Computational Method Integrated with the Analytical Model: The integration of the computational method with the analytical model allows for the inclusion of critical factors such as internal losses, variations in temperature gradients between strings, and coupling resistances. This approach offers greater accuracy by considering the variation of internal resistance as a function of temperature, enabling a more realistic estimate of the system output. When used together, the computational model enhances the precision of the results, providing a detailed analysis of real operating conditions.

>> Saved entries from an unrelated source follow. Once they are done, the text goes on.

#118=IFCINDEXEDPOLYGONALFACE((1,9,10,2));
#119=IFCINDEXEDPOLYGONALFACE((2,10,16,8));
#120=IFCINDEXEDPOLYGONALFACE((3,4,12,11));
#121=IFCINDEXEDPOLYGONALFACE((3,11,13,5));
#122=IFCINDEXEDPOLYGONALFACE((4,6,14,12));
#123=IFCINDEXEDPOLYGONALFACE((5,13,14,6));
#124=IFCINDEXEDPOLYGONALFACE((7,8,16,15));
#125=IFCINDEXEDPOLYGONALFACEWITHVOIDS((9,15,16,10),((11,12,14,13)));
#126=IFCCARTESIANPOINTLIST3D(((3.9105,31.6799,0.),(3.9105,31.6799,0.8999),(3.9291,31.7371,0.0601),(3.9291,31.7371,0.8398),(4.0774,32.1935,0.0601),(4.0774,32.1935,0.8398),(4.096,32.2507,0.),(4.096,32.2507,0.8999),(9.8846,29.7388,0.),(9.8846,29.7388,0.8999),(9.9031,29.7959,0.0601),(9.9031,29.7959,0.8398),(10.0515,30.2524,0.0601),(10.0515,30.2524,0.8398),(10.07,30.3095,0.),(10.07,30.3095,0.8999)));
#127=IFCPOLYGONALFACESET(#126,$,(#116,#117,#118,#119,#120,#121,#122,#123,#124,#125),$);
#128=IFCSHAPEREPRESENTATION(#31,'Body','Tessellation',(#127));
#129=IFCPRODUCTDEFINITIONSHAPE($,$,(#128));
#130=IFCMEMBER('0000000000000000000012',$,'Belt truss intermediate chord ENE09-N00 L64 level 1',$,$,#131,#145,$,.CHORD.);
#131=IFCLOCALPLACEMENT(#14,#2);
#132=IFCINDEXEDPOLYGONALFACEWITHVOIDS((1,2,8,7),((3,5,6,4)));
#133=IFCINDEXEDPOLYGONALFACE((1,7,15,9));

Practical Implications and Future Research Directions: The methodologies developed in this study significantly contribute to the understanding and implementation of TEGs in energy harvesting systems, promoting energy efficiency and sustainability. The study facilitates the practical application of TEGs, especially in self-powered systems, standing out for its practical approach and adaptability. Future research should focus on developing models that integrate dynamic temperature gradient variations and external parameters, as well as exploring new materials that could improve TEG performance under extreme conditions.
Challenges in Practical Applications: Among the main challenges identified are the precise control of temperature gradients and the need to manage thermal losses and coupled resistances, which directly affect TEG performance. Practical implementation requires careful adaptation of theoretical models to reflect the complexities of real operating conditions.
The integrated approach proposed in this study offers a robust and accessible pathway for the design and analysis of multi-string TEGs, enhancing prediction accuracy and promoting broader use in diverse sectors. The methodologies developed serve as a foundation for future research and practical applications, enhancing the efficiency and sustainability of energy harvesting technologies. As a continuation of this research, it is proposed to develop an integrated model for the sizing of the heat transfer system and the MPPT converter with an optimized power conditioner. This model should combine thermal and electrical simulations using computational tools to maximize TEG efficiency, utilizing advanced techniques to optimize energy extraction and storage for energy harvesting applications.